# Hindi: to shave



## Lika Brown

Dear friends, whats the word for "shave" in Hindi?

Example 1: He is shaving his beard.
Example 2: She is shaving her legs.

Thanks,


----------



## desi4life

To shave = muuNDnaa, hajaamat banaanaa, shev karnaa. For the context of a beard, one can also say daaRhii bananaa. 

Ex. 1: voh daaRhii banaa rahaa hai
Ex. 2: voh TaaNge shev kar rahii hai.


----------



## Lika Brown

Dear Desi4life, so i can say "voh taange mund raha hai"?


----------



## desi4life

I don't think you can use muuNDnaa in that manner. My impression is it's usually for the head or beard. Let's see if someone else can confirm.

And if it's a woman shaving her legs, the sentence should end with "...rahii hai" instead of "...rahaa hai".


----------



## aevynn

desi4life said:


> I don't think you can use muuNDnaa in that manner. My impression is it's usually for the head or beard. Let's see if someone else can confirm.



I do that a मुंडन _munDan_ is a ritual where a child's head is shaved. I didn't know the word मूँडना _muuNDnaa_, but most of the usages I can find on the internet do seem to be about beards. In any case, maybe it's not a super common word? Perhaps someone with better Hindi than me can confirm if this is a fair assessment. हजामत बनाना _hajaamat banaanaa_ is a more common phrase, but it's also mostly used for shaving a beard.

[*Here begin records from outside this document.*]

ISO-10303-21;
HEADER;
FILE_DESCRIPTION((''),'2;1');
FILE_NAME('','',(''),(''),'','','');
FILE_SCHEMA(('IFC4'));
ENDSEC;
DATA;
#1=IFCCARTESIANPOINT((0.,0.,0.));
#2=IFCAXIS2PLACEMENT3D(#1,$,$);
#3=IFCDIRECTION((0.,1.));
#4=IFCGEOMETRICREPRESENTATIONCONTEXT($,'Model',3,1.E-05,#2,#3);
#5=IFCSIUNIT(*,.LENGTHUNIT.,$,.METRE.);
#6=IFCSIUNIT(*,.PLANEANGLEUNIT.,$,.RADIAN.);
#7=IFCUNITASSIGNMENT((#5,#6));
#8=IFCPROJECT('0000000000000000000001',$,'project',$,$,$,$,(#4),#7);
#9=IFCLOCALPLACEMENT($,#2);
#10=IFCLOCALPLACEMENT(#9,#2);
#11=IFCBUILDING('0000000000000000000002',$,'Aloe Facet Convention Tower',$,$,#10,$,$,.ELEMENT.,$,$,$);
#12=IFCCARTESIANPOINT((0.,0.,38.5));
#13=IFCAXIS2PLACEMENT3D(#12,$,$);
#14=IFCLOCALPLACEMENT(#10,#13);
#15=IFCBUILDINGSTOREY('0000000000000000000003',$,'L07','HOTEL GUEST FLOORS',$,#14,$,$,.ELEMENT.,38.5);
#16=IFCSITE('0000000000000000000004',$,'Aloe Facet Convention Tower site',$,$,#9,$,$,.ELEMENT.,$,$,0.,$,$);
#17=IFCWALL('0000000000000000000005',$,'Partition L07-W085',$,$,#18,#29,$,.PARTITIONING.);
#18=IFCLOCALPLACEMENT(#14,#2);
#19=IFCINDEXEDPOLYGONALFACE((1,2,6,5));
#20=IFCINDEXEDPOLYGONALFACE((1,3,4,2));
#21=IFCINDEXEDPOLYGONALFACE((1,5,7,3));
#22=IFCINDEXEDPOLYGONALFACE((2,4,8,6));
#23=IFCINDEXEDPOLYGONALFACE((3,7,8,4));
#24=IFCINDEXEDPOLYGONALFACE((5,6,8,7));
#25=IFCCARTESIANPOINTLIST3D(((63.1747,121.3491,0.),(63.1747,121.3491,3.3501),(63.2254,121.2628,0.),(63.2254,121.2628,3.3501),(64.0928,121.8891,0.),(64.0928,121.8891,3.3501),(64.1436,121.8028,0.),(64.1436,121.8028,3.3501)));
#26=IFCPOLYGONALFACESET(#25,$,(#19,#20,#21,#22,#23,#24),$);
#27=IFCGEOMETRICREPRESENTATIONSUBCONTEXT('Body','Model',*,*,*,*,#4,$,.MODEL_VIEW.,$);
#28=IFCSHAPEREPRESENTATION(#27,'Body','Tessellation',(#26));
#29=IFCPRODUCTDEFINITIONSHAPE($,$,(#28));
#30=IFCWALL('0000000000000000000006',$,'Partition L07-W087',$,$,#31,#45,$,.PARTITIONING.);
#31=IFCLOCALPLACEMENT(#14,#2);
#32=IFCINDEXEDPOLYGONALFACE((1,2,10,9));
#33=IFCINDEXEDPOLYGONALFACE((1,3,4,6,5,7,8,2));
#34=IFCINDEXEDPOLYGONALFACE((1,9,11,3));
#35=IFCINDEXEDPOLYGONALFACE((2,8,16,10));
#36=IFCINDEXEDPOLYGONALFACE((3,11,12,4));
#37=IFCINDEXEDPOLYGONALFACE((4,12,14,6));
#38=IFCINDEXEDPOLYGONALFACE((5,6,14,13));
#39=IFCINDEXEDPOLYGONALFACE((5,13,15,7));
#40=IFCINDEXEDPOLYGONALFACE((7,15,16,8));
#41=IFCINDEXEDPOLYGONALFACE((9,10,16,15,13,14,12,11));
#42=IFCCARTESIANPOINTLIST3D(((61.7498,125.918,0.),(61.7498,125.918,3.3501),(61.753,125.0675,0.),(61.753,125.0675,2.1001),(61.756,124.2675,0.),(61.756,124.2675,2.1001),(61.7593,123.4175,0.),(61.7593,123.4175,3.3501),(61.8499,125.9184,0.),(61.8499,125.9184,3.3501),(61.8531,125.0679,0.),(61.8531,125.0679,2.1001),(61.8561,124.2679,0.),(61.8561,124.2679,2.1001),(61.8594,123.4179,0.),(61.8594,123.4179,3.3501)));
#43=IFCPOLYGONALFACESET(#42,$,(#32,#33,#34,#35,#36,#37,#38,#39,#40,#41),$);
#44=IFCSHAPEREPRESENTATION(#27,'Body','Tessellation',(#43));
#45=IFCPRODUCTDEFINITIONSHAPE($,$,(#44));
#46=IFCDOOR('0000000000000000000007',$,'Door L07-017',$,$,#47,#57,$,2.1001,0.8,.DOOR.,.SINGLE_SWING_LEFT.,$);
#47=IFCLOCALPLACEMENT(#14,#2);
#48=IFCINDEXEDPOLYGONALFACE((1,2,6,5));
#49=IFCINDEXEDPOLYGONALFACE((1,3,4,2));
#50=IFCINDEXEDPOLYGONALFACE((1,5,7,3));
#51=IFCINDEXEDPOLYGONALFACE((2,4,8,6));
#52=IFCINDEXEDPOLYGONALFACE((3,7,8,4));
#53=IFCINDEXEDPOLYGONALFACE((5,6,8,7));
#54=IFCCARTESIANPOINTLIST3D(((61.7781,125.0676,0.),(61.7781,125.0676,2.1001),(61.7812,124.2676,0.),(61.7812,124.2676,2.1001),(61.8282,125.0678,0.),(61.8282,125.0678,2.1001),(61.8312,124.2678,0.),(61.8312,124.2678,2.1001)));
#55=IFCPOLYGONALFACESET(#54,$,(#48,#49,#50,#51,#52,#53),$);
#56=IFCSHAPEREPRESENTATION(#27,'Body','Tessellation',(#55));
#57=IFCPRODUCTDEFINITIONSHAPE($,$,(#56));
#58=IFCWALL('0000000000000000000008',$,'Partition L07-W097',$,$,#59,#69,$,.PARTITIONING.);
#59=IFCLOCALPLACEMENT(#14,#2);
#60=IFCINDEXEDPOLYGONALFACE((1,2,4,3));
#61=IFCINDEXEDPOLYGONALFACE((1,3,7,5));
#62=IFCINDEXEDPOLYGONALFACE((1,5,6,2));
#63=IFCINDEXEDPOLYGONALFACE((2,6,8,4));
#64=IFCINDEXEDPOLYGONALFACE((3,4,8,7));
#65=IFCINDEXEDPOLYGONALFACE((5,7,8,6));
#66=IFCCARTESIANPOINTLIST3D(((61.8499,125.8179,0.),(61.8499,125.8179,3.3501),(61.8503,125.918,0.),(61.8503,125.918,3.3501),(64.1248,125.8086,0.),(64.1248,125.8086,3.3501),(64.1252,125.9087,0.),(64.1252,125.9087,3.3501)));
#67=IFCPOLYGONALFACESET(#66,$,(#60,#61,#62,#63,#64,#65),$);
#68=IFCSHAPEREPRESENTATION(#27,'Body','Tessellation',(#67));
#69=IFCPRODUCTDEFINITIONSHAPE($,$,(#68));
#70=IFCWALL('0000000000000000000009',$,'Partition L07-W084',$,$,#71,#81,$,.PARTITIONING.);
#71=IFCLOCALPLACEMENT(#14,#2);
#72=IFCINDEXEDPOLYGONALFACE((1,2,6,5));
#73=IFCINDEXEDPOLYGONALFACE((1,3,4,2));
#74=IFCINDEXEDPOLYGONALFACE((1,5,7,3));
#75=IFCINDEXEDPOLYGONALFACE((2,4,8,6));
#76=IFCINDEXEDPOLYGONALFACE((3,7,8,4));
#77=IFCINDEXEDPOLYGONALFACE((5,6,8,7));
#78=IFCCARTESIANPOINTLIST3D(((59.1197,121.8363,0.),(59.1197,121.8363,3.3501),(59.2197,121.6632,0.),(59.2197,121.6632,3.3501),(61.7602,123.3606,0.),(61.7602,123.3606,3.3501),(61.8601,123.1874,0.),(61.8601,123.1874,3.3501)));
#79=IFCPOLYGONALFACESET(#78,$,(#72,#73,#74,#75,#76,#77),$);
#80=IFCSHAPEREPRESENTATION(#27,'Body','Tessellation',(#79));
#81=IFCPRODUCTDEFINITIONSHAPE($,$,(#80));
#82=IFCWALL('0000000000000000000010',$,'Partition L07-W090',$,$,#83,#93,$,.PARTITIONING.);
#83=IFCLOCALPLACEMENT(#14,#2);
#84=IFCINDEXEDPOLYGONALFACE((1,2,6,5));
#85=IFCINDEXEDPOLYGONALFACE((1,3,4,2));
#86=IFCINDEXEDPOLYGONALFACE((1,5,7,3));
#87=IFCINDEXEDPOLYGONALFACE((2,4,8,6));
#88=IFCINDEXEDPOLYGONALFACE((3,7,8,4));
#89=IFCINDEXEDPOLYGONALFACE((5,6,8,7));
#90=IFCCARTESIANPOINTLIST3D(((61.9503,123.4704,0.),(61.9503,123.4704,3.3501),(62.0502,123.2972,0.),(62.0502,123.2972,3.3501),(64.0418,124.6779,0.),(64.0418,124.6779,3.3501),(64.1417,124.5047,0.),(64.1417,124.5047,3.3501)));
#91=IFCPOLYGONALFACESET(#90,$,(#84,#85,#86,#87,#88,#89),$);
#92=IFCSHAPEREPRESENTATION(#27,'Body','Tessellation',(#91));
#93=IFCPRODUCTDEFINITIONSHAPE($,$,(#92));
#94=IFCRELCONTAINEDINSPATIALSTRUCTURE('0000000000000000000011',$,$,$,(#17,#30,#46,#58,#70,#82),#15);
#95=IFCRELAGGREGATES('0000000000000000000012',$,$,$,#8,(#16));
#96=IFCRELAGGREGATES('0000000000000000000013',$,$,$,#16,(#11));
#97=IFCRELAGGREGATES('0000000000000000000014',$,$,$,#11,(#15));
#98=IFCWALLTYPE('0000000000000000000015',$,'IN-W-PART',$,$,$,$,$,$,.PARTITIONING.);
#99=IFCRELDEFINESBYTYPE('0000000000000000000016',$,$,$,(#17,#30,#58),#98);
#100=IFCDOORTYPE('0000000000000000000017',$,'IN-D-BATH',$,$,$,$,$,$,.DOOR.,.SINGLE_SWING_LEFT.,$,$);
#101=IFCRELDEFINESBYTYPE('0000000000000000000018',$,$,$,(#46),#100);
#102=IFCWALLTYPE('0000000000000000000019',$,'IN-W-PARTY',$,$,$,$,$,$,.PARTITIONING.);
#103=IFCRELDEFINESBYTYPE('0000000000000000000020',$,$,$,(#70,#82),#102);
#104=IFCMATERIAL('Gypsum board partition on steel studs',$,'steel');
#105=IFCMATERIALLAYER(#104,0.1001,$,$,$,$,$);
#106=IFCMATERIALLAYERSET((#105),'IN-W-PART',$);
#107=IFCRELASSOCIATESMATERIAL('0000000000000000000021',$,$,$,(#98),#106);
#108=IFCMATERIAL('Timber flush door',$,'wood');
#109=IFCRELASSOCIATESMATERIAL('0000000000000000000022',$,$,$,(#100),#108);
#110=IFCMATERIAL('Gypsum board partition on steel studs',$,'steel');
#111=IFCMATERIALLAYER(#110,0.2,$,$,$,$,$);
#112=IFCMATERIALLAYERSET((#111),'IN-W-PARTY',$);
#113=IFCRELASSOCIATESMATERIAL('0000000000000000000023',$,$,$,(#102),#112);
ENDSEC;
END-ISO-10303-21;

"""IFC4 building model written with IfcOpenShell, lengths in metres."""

from ifc_helpers import new_model, si_unit, direction, frame, frame_2d, origin, place, context, subcontext, project, spatial, rectangle, extrude, material, layer, layer_set, type_object, element, fill, save


model = new_model("IFC4")

# Units and contexts
model_context = context("Model", 3, precision=1e-05, world=origin(), true_north=direction((0.0, 1.0)))
body_context = subcontext(model_context, "Body", "Model", "MODEL_VIEW")
ifc_project = project(units=[si_unit("LENGTHUNIT", "METRE"), si_unit("PLANEANGLEUNIT", "RADIAN")], contexts=[model_context])

# Site, building, storey
site_placement = place(None, origin())
site = spatial("IfcSite", under=ifc_project, at=site_placement, Name="Aloe Facet Convention Tower site", CompositionType="ELEMENT", RefElevation=0.0)
building_placement = place(site_placement, origin())
building = spatial("IfcBuilding", under=site, at=building_placement, Name="Aloe Facet Convention Tower", CompositionType="ELEMENT")
storey_placement = place(building_placement, frame((0.0, 0.0, 38.5)))
storey = spatial("IfcBuildingStorey", under=building, at=storey_placement, Name="L07", Description="HOTEL GUEST FLOORS", CompositionType="ELEMENT", Elevation=38.5)

# Shared definitions
ifc_material_1 = material(Name="Gypsum board partition on steel studs", Category="steel")
ifc_layer_1 = layer(ifc_material_1, 0.1001)
ifc_layer_set_1 = layer_set([ifc_layer_1], Name="IN-W-PART")
wall_type_1 = type_object("IfcWallType", Name="IN-W-PART", PredefinedType="PARTITIONING", material=ifc_layer_set_1)
ifc_material_2 = material(Name="Timber flush door", Category="wood")
door_type = type_object("IfcDoorType", Name="IN-D-BATH", OperationType="SINGLE_SWING_LEFT", PredefinedType="DOOR", material=ifc_material_2)

# Wall
wall_1_placement = place(storey_placement, frame((63.2, 121.3059, 0.0), z_axis=(0.0, 0.0, 1.0), x_axis=(0.86197, 0.50696, 0.0)))
element("IfcWall", 1, at=wall_1_placement, inside=storey, type_object=wall_type_1, Name="Partition L07-W085", PredefinedType="PARTITIONING", context=body_context, shape_type="SweptSolid", body=[
    extrude(rectangle(XDim=1.0652, YDim=0.1001, at=frame_2d((0.5327, 0.0))), origin(), (0.0, 0.0, 1.0), 3.3501),
])

# Wall, opening, door
wall_2_placement = place(storey_placement, frame((61.8093, 123.4177, 0.0), z_axis=(0.0, 0.0, 1.0), x_axis=(-0.003808, 0.999993, 0.0)))
wall_2 = element("IfcWall", 2, at=wall_2_placement, inside=storey, type_object=wall_type_1, Name="Partition L07-W087", PredefinedType="PARTITIONING", context=body_context, shape_type="SweptSolid", body=[
    extrude(rectangle(XDim=2.5005, YDim=0.1001, at=frame_2d((1.2502, 0.0))), origin(), (0.0, 0.0, 1.0), 3.3501),
])
opening_1_placement = place(wall_2_placement, frame((0.8501, 0.0, 0.0)))
opening_1 = element("IfcOpeningElement", 3, at=opening_1_placement, cuts=wall_2, PredefinedType="OPENING", context=body_context, shape_type="SweptSolid", body=[
    extrude(rectangle(XDim=0.8, YDim=2.1001, at=frame_2d((0.3999, 1.05))), frame((0.0, 0.0601, 0.0), z_axis=(0.0, -1.0, 0.0), x_axis=(1.0, 0.0, 0.0)), (0.0, 0.0, 1.0), 0.1201),
])
door_1_placement = place(opening_1_placement, origin())
door_1 = element("IfcDoor", 4, at=door_1_placement, inside=storey, type_object=door_type, Name="Door L07-017", OperationType="SINGLE_SWING_LEFT", OverallHeight=2.1001, OverallWidth=0.8, PredefinedType="DOOR", context=body_context, shape_type="SweptSolid", body=[
    extrude(rectangle(XDim=0.8, YDim=2.1001, at=frame_2d((0.3999, 1.05))), frame((0.0, 0.0249, 0.0), z_axis=(0.0, -1.0, 0.0), x_axis=(1.0, 0.0, 0.0)), (0.0, 0.0, 1.0), 0.05),
])
fill(opening_1, door_1)

# Walls
wall_3_placement = place(storey_placement, frame((61.8501, 125.8679, 0.0), z_axis=(0.0, 0.0, 1.0), x_axis=(0.999992, -0.004078, 0.0)))
element("IfcWall", 5, at=wall_3_placement, inside=storey, type_object=wall_type_1, Name="Partition L07-W097", PredefinedType="PARTITIONING", context=body_context, shape_type="SweptSolid", body=[
    extrude(rectangle(XDim=2.2749, YDim=0.1001, at=frame_2d((1.1375, 0.0))), origin(), (0.0, 0.0, 1.0), 3.3501),
])
ifc_material_3 = material(Name="Gypsum board partition on steel studs", Category="steel")
ifc_layer_2 = layer(ifc_material_3, 0.2)
ifc_layer_set_2 = layer_set([ifc_layer_2], Name="IN-W-PARTY")
wall_type_2 = type_object("IfcWallType", Name="IN-W-PARTY", PredefinedType="PARTITIONING", material=ifc_layer_set_2)
wall_4_placement = place(storey_placement, frame((59.1697, 121.7498, 0.0), z_axis=(0.0, 0.0, 1.0), x_axis=(0.866062, 0.499937, 0.0)))
element("IfcWall", 6, at=wall_4_placement, inside=storey, type_object=wall_type_2, Name="Partition L07-W084", PredefinedType="PARTITIONING", context=body_context, shape_type="SweptSolid", body=[
    extrude(rectangle(XDim=3.0488, YDim=0.2, at=frame_2d((1.5244, 0.0))), origin(), (0.0, 0.0, 1.0), 3.3501),
])
wall_5_placement = place(storey_placement, frame((62.0002, 123.3838, 0.0), z_axis=(0.0, 0.0, 1.0), x_axis=(0.866032, 0.499988, 0.0)))
element("IfcWall", 7, at=wall_5_placement, inside=storey, type_object=wall_type_2, Name="Partition L07-W090", PredefinedType="PARTITIONING", context=body_context, shape_type="SweptSolid", body=[
    extrude(rectangle(XDim=2.415, YDim=0.2, at=frame_2d((1.2075, 0.0))), origin(), (0.0, 0.0, 1.0), 3.3501),
])

save(model, "model.ifc")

The Hinglish शेव करना _shev karnaa_ is what I grew up hearing (whether it be for beards or legs). 



desi4life said:


> And if it's a woman shaving her legs, the sentence should end with "...rahii hai" instead of "...rahaa hai".



Men can (and do!) shave their legs too!


----------



## Alfaaz

aevynn said:
			
		

> I didn't know the word मूँडना _muuNDnaa_, but most of the usages I can find on the internet do seem to be about beards. In any case, maybe it's not a super common word? Perhaps someone with better Hindi than me can confirm if this is a fair assessment. हजामत बनाना _hajaamat banaanaa_ is a more common phrase, but it's also mostly used for shaving a beard.


_mu(u)NDnaa _for _to shave_ and _mu(u)ND(v)aanaa_ for _to have shaved_ are very common in Urdu and one would expect the same in Hindi...!?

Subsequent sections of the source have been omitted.